I have battled the emotions of "sugar" addiction like they are the flaxen cords of Satan's web. I have an endless list of excuses, making it alright to eat. I’ve said, “Oh, just one won’t hurt.” “No one will know.” “It’s not that bad.” “I have to eat this. I don’t want to hurt the hostess’s feelings.” “I haven’t gained any real noticeable weight.” “I have what I’m eating and my weight under control.” “Eating this doesn't hurt anyone, but me.”
Like many people, I eat when I’m sad, when I’m happy, or to celebrate with family and friends. I’ve eaten to cover up feelings. Moreover, I’ve NOT eaten to hide from feelings.

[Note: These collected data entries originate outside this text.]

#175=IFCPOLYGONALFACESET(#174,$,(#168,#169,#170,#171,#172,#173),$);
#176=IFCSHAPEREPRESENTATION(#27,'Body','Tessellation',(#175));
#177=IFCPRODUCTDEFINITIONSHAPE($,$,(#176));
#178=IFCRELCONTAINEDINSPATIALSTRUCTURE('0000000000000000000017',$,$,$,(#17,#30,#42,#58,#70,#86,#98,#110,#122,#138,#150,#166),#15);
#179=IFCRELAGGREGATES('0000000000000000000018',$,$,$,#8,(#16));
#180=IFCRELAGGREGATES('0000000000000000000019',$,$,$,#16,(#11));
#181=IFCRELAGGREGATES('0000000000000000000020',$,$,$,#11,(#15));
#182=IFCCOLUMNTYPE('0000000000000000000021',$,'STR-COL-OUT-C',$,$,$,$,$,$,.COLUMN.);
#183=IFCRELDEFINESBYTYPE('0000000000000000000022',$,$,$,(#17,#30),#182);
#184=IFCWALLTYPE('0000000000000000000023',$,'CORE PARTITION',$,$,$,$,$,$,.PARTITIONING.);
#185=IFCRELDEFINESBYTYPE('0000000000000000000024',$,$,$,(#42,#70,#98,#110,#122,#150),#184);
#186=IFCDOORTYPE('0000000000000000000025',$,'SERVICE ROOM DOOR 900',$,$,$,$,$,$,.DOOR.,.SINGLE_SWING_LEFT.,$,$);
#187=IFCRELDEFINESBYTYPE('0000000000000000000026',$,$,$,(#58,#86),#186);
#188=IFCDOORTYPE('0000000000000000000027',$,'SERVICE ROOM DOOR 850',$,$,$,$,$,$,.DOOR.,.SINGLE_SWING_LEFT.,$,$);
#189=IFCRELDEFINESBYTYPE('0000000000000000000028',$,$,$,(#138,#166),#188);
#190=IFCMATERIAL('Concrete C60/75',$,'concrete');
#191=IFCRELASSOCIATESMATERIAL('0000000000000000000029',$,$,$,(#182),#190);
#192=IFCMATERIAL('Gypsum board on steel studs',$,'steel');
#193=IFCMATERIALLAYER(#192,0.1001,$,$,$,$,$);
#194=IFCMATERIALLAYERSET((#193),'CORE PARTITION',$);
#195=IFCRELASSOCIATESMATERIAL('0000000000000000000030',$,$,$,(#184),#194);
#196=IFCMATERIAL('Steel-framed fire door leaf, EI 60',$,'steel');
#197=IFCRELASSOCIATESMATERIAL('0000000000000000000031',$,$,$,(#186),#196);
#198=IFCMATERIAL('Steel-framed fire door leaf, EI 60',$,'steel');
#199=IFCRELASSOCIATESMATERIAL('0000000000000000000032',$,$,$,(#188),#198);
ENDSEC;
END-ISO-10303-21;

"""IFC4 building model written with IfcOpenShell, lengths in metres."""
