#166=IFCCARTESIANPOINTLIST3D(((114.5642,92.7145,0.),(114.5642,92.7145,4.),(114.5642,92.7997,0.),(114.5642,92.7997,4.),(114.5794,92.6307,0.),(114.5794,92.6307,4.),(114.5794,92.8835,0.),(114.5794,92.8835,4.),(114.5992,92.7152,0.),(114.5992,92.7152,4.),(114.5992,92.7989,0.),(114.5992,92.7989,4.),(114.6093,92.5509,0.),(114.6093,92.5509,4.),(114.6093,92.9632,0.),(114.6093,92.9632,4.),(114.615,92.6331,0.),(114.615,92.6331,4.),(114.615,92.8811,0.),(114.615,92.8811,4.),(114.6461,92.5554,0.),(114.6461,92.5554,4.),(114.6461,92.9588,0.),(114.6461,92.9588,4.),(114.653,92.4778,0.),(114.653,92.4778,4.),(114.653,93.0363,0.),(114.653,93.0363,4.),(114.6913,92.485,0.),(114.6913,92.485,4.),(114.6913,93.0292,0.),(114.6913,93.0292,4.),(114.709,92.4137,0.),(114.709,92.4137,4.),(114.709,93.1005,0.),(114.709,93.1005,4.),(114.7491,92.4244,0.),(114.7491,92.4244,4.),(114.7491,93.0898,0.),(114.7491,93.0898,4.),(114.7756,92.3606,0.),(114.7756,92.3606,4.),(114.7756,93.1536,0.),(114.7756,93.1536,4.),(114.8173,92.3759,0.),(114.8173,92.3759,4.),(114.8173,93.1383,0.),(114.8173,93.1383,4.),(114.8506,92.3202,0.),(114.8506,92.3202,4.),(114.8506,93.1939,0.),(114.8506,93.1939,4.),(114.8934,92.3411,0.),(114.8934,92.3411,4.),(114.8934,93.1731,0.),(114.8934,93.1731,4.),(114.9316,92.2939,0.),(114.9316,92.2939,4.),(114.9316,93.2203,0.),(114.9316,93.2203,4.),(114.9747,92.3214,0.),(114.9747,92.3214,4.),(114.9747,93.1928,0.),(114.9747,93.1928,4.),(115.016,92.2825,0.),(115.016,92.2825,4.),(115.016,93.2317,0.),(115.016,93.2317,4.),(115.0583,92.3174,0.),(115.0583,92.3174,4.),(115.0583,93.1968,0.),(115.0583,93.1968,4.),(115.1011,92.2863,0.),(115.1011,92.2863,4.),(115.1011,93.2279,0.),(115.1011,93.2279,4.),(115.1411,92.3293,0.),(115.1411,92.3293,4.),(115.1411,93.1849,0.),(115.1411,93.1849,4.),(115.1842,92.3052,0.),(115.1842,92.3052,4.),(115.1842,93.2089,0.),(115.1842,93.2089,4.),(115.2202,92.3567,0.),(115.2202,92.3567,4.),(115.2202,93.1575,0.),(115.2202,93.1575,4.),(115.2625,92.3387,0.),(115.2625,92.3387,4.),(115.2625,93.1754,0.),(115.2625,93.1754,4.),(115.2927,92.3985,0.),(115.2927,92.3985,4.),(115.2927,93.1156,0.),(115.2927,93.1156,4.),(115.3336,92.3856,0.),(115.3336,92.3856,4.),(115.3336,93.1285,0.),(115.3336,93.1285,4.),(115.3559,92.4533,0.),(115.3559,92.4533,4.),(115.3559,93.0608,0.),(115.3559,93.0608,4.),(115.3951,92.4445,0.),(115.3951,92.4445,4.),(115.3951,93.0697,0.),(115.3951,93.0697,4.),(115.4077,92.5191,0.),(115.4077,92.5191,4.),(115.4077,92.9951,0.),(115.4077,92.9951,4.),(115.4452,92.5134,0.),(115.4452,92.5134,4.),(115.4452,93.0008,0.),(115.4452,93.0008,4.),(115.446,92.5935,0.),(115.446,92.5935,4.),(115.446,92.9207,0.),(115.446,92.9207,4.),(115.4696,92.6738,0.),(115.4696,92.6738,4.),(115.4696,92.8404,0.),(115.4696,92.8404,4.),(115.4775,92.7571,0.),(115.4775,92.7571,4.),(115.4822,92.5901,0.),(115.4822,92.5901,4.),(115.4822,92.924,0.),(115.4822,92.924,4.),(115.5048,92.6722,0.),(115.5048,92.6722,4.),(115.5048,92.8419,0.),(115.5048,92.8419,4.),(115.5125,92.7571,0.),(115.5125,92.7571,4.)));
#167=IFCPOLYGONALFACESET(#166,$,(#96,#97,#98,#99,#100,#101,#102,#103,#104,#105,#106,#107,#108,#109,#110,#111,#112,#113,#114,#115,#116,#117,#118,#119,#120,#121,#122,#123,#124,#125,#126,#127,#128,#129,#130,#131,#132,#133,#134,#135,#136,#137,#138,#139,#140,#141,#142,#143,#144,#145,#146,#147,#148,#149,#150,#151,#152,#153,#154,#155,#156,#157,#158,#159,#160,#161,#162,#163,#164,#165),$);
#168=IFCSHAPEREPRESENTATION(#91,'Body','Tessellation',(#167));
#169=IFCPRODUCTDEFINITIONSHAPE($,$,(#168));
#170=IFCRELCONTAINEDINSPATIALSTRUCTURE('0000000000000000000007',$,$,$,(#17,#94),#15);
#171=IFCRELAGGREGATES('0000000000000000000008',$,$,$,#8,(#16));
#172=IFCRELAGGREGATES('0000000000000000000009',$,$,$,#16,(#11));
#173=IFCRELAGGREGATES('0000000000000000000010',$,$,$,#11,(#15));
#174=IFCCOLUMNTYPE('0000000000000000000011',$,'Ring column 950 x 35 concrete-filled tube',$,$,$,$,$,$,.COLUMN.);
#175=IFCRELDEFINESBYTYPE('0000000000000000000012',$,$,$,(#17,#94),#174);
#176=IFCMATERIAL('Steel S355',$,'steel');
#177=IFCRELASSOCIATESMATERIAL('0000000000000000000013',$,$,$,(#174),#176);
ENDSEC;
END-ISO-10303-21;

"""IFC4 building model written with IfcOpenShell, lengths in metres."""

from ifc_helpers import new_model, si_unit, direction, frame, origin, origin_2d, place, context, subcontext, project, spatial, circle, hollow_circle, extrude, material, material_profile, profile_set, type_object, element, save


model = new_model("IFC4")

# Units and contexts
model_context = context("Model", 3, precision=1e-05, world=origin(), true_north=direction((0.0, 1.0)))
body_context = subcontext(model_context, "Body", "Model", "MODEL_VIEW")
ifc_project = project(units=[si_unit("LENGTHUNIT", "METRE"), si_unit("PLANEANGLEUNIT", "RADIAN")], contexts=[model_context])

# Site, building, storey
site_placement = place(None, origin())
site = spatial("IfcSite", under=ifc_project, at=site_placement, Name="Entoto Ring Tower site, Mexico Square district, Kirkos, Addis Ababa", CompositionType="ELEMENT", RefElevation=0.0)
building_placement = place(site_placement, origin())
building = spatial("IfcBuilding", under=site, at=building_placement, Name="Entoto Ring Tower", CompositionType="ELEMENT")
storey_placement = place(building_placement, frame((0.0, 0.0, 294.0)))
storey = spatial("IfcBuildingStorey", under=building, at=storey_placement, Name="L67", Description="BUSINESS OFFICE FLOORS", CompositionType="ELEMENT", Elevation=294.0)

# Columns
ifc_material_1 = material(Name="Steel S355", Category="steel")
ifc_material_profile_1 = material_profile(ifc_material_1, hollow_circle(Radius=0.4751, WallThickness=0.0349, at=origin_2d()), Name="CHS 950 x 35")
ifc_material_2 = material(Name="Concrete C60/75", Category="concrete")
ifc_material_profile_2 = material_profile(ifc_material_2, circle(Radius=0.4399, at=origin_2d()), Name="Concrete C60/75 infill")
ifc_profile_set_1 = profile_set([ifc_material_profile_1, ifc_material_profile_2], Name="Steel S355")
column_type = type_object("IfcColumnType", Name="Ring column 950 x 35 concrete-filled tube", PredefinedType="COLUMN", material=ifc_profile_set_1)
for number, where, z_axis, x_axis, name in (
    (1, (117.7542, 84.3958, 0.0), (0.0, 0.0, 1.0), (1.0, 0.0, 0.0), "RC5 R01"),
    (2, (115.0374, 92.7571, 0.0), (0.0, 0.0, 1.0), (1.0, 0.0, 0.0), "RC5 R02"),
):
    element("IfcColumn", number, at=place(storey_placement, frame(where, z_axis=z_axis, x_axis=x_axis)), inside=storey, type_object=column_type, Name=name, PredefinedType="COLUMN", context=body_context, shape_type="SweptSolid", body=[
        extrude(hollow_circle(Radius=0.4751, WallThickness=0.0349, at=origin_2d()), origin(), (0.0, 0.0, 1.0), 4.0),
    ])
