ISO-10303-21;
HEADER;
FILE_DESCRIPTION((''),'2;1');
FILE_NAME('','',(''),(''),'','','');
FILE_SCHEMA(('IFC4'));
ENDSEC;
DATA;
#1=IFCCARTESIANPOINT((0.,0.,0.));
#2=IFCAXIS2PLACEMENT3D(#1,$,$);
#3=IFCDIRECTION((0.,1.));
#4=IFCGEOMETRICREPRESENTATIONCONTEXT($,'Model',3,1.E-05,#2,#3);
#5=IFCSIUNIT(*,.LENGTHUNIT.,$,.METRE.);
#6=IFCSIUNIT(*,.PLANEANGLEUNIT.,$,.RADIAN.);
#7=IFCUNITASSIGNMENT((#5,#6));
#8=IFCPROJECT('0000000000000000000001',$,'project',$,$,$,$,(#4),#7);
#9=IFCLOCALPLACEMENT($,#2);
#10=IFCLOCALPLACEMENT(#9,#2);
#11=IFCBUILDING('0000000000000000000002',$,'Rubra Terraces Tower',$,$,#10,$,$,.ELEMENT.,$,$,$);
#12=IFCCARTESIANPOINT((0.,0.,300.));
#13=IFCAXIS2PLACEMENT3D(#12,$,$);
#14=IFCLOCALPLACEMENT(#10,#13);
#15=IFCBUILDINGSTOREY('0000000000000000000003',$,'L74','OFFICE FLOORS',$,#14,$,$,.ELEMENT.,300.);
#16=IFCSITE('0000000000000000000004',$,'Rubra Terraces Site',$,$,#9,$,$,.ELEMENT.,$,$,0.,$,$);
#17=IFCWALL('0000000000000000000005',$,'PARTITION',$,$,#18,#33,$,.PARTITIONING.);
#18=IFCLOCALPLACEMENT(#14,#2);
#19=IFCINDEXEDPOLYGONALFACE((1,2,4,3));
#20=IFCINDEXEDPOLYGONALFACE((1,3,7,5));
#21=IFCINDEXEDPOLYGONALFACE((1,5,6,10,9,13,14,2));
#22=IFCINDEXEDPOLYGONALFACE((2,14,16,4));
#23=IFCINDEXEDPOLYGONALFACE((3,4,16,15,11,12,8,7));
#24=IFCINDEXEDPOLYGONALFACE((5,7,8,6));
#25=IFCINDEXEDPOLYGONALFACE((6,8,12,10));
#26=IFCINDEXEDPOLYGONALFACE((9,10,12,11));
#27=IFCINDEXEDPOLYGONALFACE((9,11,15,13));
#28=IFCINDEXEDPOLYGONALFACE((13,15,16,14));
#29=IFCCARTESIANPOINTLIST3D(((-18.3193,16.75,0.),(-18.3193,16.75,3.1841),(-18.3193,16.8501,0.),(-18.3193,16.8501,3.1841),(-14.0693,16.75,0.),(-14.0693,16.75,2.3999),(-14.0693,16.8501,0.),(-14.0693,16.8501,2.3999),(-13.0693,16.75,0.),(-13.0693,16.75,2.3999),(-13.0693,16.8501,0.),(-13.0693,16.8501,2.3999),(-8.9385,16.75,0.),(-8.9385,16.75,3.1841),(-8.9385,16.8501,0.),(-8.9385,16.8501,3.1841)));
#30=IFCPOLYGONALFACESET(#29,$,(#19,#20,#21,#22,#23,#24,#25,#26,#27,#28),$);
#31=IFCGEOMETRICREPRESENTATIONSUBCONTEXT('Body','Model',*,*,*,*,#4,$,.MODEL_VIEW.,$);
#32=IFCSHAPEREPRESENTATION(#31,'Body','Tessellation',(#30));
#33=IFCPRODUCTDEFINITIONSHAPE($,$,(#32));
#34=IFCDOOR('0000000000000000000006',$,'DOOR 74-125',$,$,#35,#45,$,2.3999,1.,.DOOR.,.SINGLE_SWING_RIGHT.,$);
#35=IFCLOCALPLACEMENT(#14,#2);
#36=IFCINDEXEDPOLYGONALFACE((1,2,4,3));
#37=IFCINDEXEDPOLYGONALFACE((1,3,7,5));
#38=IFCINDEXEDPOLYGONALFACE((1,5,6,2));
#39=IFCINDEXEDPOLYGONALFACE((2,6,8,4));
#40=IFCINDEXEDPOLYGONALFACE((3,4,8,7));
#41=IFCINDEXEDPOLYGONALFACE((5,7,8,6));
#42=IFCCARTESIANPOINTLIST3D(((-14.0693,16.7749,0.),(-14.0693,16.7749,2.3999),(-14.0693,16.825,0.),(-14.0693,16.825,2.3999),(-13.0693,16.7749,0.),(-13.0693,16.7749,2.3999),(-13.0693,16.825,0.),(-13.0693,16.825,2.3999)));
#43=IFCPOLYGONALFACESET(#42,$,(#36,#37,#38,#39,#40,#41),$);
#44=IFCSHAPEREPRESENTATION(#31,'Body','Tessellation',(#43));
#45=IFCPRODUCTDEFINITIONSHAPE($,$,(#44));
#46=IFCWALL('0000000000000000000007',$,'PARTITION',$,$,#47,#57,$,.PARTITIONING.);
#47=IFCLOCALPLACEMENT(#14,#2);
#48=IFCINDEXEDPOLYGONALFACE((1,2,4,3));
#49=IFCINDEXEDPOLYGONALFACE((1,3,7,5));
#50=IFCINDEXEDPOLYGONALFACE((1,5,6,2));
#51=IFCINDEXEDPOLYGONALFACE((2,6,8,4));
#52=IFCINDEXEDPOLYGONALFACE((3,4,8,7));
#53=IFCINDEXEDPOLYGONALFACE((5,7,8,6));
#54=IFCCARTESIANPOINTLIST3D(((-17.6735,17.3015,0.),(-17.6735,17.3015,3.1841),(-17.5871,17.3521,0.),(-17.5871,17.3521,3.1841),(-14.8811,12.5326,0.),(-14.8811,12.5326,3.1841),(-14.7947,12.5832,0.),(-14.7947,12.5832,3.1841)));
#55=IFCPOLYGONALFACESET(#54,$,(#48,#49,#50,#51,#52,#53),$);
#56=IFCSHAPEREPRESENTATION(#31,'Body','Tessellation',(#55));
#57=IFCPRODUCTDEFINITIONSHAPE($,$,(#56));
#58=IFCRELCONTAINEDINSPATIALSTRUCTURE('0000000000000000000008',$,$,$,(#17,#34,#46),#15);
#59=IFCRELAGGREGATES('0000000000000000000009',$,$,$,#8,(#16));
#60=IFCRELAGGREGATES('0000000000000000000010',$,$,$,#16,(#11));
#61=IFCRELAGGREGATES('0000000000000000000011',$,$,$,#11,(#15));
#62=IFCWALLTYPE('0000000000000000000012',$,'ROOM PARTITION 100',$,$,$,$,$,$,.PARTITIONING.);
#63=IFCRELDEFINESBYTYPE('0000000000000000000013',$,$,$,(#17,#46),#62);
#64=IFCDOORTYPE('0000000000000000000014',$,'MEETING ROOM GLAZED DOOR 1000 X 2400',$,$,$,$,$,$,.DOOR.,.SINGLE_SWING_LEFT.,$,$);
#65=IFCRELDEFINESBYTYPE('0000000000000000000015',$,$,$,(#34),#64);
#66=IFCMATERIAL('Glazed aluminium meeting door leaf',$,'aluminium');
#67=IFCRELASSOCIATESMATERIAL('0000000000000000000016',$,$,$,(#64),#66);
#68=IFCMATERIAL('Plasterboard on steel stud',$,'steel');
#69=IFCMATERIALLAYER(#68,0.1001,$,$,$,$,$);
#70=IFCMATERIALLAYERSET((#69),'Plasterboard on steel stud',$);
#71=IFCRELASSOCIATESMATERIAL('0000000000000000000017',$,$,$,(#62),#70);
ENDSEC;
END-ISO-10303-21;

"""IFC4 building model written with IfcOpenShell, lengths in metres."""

from ifc_helpers import new_model, si_unit, direction, frame, frame_2d, origin, place, context, subcontext, project, spatial, rectangle, extrude, material, layer, layer_set, type_object, element, fill, save


model = new_model("IFC4")

# Units and contexts
model_context = context("Model", 3, precision=1e-05, world=origin(), true_north=direction((0.0, 1.0)))
body_context = subcontext(model_context, "Body", "Model", "MODEL_VIEW")
ifc_project = project(units=[si_unit("LENGTHUNIT", "METRE"), si_unit("PLANEANGLEUNIT", "RADIAN")], contexts=[model_context])

# Site, building, storey
site_placement = place(None, origin())
site = spatial("IfcSite", under=ifc_project, at=site_placement, Name="Rubra Terraces Site", CompositionType="ELEMENT", RefElevation=0.0)
building_placement = place(site_placement, origin())
building = spatial("IfcBuilding", under=site, at=building_placement, Name="Rubra Terraces Tower", CompositionType="ELEMENT")
storey_placement = place(building_placement, frame((0.0, 0.0, 300.0)))
storey = spatial("IfcBuildingStorey", under=building, at=storey_placement, Name="L74", Description="OFFICE FLOORS", CompositionType="ELEMENT", Elevation=300.0)

# Shared definitions
ifc_material_1 = material(Name="Glazed aluminium meeting door leaf", Category="aluminium")
door_type_1 = type_object("IfcDoorType", Name="MEETING ROOM GLAZED DOOR 1000 X 2400", OperationType="SINGLE_SWING_LEFT", PredefinedType="DOOR", material=ifc_material_1)

# Shared definitions
ifc_material_2 = material(Name="Plasterboard on steel stud", Category="steel")
ifc_layer_1 = layer(ifc_material_2, 0.1001)
ifc_layer_set_1 = layer_set([ifc_layer_1], Name="Plasterboard on steel stud")
wall_type_1 = type_object("IfcWallType", Name="ROOM PARTITION 100", PredefinedType="PARTITIONING", material=ifc_layer_set_1)

# Wall, opening, door
wall_1_placement = place(storey_placement, frame((-18.3193, 16.8, 0.0), z_axis=(0.0, 0.0, 1.0), x_axis=(1.0, 0.0, 0.0)))
wall_1 = element("IfcWall", 1, at=wall_1_placement, inside=storey, type_object=wall_type_1, Name="PARTITION", PredefinedType="PARTITIONING", context=body_context, shape_type="SweptSolid", body=[
    extrude(rectangle(XDim=9.3809, YDim=0.1001, at=frame_2d((4.6904, 0.0))), origin(), (0.0, 0.0, 1.0), 3.1841),
])
opening_1_placement = place(wall_1_placement, frame((4.25, 0.0, 0.0)))
opening_1 = element("IfcOpeningElement", 2, at=opening_1_placement, cuts=wall_1, PredefinedType="OPENING", context=body_context, shape_type="SweptSolid", body=[
    extrude(rectangle(XDim=1.0, YDim=2.3999, at=frame_2d((0.5, 1.2))), frame((0.0, 0.0601, 0.0), z_axis=(0.0, -1.0, 0.0), x_axis=(1.0, 0.0, 0.0)), (0.0, 0.0, 1.0), 0.1201),
])
door_1_placement = place(opening_1_placement, origin())
door_1 = element("IfcDoor", 3, at=door_1_placement, inside=storey, type_object=door_type_1, Name="DOOR 74-125", OperationType="SINGLE_SWING_RIGHT", OverallHeight=2.3999, OverallWidth=1.0, PredefinedType="DOOR", context=body_context, shape_type="SweptSolid", body=[
    extrude(rectangle(XDim=1.0, YDim=2.3999, at=frame_2d((0.5, 1.2))), frame((0.0, 0.0249, 0.0), z_axis=(0.0, -1.0, 0.0), x_axis=(1.0, 0.0, 0.0)), (0.0, 0.0, 1.0), 0.05),
])
fill(opening_1, door_1)

# Wall
wall_2_placement = place(storey_placement, frame((-14.8379, 12.5579, 0.0), z_axis=(0.0, 0.0, 1.0), x_axis=(-0.505293, 0.862948, 0.0)))
element("IfcWall", 4, at=wall_2_placement, inside=storey, type_object=wall_type_1, Name="PARTITION", PredefinedType="PARTITIONING", context=body_context, shape_type="SweptSolid", body=[
    extrude(rectangle(XDim=5.5264, YDim=0.1001, at=frame_2d((2.7632, 0.0))), origin(), (0.0, 0.0, 1.0), 3.1841),
])

save(model, "model.ifc")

Now, I have to lose 50 pounds! I defiantly desire to lose 50 pounds. I guess the bigger question is what is within the 50 pounds that is really important I lose? One of the answers is pretty obvious, FAT being the most obvious. What are some of the things within the 50 pounds that are less obvious and possibly more important?
Pride comes first to my mind. Pride that I somehow think myself not good enough, to take even reasonable care of myself especially in respect to how I perceive myself caring for others. This is certainly a way of digging myself deeper into isolation. I can think of several people I’ve avoided seeing over the past few months.
Fear also comes to my mind. Fear that I am not worth loving, so it is possible to drive off those suborn people that haven’t left me yet. Fear that I can’t lose the weight. I’ve never been faced with losing 50 pounds, and to me it seems like a huge feat; especially, considering that within the past two years I’ve tried losing less weight and it continued to cling to me, and to multiply in a freakish fast and harsh way. What if the weight has a fear of letting go of me? Is that possible?
Forgiveness comes to my mind, in an overwhelming way. How can forgiveness have anything to do with the sugar I eat? In my heart, as the tears swell in my eyes forgiveness is what the pride and the fear are trying to hide and isolate me from. Forgiveness is what will release and free me from not just the 50 pounds, but from the much heavier emotions that the fat is covering up.